嗓音障碍筛查：声学嗓音质量指数、谐波峰值突出度与机器学习

Screening Voice Disorders: Acoustic Voice Quality Index, Cepstral Peak Prominence, and Machine Learning.

作者信息

Yousef Ahmed M, Castillo-Allendes Adrián, Berardi Mark L, Codino Juliana, Rubin Adam D, Hunter Eric J

机构信息

Center for Laryngeal Surgery and Voice Rehabilitation, Massachusetts General Hospital, Boston, Massachusetts, USA.

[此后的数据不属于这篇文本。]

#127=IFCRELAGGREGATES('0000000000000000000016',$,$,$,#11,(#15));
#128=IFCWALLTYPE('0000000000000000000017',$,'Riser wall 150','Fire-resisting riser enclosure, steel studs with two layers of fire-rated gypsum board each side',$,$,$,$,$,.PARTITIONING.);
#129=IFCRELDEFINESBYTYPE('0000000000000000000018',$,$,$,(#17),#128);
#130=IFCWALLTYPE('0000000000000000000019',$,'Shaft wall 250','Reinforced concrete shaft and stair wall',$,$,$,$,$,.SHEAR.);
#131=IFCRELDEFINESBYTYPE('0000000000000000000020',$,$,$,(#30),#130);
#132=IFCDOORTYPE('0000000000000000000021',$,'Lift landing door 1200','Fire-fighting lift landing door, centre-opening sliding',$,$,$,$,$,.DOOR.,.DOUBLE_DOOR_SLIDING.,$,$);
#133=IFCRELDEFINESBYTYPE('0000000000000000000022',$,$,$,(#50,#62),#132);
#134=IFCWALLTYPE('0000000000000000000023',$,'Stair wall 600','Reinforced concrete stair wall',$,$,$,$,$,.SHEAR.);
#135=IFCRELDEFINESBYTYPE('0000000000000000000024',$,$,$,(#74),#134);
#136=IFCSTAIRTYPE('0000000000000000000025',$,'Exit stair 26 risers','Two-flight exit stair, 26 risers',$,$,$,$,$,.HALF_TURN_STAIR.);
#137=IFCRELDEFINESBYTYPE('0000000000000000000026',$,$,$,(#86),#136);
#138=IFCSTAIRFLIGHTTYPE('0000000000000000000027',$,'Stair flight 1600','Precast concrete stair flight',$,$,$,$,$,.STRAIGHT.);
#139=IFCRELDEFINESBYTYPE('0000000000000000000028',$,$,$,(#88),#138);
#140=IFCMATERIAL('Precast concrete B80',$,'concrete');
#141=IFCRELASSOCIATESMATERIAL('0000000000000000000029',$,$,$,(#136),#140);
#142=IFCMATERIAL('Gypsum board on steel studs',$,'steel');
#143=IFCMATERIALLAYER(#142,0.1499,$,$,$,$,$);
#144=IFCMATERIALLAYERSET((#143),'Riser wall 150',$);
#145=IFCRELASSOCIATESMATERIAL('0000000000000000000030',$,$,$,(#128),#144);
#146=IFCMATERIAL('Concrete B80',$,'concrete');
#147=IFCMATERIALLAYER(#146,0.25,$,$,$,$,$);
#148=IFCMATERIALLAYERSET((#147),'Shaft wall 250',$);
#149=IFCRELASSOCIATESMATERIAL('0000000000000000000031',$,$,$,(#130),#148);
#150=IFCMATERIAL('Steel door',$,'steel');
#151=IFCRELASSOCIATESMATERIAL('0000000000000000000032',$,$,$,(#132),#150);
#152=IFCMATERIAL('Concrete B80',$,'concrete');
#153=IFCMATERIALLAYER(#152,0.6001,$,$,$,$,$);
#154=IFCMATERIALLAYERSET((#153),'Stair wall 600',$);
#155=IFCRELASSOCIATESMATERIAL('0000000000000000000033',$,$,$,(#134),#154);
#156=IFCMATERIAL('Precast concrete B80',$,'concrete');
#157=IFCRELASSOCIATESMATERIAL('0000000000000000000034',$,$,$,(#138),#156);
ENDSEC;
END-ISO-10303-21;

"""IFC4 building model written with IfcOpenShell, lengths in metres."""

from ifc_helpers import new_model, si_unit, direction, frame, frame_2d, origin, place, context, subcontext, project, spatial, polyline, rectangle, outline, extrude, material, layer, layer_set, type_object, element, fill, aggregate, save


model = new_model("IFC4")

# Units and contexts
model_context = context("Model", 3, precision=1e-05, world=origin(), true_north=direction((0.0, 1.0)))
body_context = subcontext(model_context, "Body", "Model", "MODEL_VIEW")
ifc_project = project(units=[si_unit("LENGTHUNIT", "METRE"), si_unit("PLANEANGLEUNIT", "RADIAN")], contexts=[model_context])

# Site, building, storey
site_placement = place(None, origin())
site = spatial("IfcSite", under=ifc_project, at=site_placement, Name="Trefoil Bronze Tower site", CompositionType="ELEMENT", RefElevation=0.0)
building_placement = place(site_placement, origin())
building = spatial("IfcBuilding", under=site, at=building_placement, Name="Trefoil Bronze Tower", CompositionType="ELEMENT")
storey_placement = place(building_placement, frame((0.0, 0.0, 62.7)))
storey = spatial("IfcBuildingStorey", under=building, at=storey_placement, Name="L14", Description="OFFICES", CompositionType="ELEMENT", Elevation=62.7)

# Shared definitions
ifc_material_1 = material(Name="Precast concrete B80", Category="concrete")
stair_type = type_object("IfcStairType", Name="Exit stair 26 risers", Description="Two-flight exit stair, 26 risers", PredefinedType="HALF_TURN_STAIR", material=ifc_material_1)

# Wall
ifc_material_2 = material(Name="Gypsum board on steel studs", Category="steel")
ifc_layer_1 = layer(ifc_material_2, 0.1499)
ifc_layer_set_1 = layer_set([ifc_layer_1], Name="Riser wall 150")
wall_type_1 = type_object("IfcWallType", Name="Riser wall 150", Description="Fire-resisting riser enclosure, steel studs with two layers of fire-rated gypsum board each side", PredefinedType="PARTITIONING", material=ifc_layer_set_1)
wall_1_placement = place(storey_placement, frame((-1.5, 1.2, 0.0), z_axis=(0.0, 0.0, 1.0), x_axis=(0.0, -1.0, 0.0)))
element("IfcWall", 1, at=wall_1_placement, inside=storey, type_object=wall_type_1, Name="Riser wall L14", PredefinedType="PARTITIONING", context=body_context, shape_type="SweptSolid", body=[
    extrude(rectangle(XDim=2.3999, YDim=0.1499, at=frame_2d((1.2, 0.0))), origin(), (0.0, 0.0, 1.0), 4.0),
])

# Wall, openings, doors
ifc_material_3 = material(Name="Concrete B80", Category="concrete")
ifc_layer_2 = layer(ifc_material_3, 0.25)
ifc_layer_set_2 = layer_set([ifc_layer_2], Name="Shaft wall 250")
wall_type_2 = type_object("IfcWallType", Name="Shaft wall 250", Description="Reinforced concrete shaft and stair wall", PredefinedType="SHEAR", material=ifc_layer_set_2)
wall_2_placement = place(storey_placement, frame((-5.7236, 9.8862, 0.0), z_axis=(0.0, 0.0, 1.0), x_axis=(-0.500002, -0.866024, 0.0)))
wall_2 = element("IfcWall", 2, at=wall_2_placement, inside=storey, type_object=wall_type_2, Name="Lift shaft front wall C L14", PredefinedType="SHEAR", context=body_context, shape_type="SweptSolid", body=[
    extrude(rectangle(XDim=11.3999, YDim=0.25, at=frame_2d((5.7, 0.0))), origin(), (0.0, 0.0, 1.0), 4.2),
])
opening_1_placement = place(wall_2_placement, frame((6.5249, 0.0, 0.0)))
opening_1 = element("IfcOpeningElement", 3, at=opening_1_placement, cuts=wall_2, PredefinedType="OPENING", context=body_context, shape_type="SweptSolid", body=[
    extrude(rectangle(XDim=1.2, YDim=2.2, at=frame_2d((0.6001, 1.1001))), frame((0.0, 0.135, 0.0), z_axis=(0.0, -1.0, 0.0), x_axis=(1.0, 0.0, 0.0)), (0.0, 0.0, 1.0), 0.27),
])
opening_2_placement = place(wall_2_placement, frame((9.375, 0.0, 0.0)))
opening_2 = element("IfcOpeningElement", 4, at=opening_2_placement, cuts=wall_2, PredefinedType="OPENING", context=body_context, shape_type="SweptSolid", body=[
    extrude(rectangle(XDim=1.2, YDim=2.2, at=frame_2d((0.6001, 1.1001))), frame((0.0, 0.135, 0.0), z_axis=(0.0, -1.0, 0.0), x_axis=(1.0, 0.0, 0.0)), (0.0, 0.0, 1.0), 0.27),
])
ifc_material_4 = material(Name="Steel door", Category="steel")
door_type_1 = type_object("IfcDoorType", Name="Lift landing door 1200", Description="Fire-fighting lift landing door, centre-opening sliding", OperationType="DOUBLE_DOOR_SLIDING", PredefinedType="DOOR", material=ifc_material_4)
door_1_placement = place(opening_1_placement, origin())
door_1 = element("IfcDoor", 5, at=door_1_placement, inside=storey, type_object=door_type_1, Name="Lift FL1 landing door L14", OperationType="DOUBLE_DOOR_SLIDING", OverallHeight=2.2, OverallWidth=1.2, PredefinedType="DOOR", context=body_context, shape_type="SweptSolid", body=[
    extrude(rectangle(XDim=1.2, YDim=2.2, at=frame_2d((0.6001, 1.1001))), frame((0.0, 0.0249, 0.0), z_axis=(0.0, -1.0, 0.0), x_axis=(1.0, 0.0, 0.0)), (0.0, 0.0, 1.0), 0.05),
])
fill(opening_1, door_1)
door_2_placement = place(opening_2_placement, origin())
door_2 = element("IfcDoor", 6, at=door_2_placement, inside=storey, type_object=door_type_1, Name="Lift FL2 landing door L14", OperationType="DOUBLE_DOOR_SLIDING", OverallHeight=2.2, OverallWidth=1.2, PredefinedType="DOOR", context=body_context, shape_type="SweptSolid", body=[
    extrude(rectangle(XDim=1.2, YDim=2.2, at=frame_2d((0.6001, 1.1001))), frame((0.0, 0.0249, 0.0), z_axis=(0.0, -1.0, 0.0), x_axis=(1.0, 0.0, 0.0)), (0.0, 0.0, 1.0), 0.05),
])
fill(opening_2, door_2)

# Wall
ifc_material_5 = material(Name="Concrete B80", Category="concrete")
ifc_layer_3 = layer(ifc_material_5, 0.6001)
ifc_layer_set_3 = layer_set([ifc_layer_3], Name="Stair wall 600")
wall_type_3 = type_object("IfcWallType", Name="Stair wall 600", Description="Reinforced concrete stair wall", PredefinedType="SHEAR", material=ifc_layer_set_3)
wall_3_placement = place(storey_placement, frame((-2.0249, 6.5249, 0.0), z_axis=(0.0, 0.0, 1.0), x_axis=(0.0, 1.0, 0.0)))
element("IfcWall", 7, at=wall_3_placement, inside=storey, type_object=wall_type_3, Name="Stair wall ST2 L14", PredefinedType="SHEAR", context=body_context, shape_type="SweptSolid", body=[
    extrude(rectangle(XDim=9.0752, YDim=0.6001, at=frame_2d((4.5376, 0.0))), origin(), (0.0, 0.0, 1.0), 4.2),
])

Department of Surgery, Harvard Medical School, Boston, Massachusetts, USA.

出版信息

Folia Phoniatr Logop. 2025 Feb 21:1-15. doi: 10.1159/000544852.

DOI:10.1159/000544852

PMID:39987907

原文链接:https://pmc.ncbi.nlm.nih.gov/articles/PMC12353333/

Abstract

INTRODUCTION

The Acoustic Voice Quality Index (AVQI) and Smoothed Cepstral Peak Prominence (CPPs) have been reported to effectively support the assessment of voice quality in persons seeking voice care across many languages. This study aimed to evaluate the diagnostic accuracy of these two measures in detecting voice disorders in American English speakers, comparing their performance to machine learning (ML) models.

METHODS

This retrospective study included a cohort of 187 participants: 138 patients with clinically diagnosed voice disorders and 49 vocally healthy individuals. Each participant completed two voicing tasks: sustaining [a:] vowel and producing a running speech sample, which were then concatenated. These samples were analyzed using VOXplot software for AVQI-3 (version 03.01) and CPPs. Additionally, four ML models (random forest, k-nearest neighbors, support vector machine, and decision tree) were trained for comparison. The diagnostic accuracy of the two measures and models was assessed using various evaluation metrics, including receiver operating characteristic curve and Youden Index.

RESULTS

A cutoff score of 1.54 for the AVQI-3 (with 55% sensitivity and 80% specificity) and 14.35 dB for CPPs (with 65% sensitivity and 78% specificity) were identified for detecting voice disorders. Compared to an average ML sensitivity of 89% and specificity of 55%, CPPs offered a better balance between sensitivity and specificity, outperforming AVQI-3 and nearly matching the average ML performance.

CONCLUSIONS

ML shows great potential for supporting voice disorder diagnostics, especially as models become more generalizable and easier to interpret. However, current tools like AVQI-3 and CPPs remain more practical and accessible for clinical use in evaluating voice quality than commonly implemented models. CPPs, in particular, offers distinct advantages for identifying voice disorders, making it a recommended and feasible choice for clinics with limited resources.

摘要

引言

据报道，声学语音质量指数（AVQI）和平滑谐波峰值突出度（CPPs）能有效辅助多种语言人群的嗓音质量评估。本研究旨在评估这两种指标在美国英语使用者中检测嗓音障碍的诊断准确性，并将其性能与机器学习（ML）模型进行比较。

方法

这项回顾性研究纳入了187名参与者：138名临床诊断为嗓音障碍的患者和49名嗓音健康的个体。每位参与者完成两项发声任务：持续发[a:]元音和生成一段连续语流样本，然后将这些样本拼接起来。使用VOXplot软件对这些样本进行AVQI-3（版本03.01）和CPPs分析。此外，还训练了四个ML模型（随机森林、k近邻、支持向量机和决策树）用于比较。使用包括受试者工作特征曲线和尤登指数在内的各种评估指标评估这两种指标和模型的诊断准确性。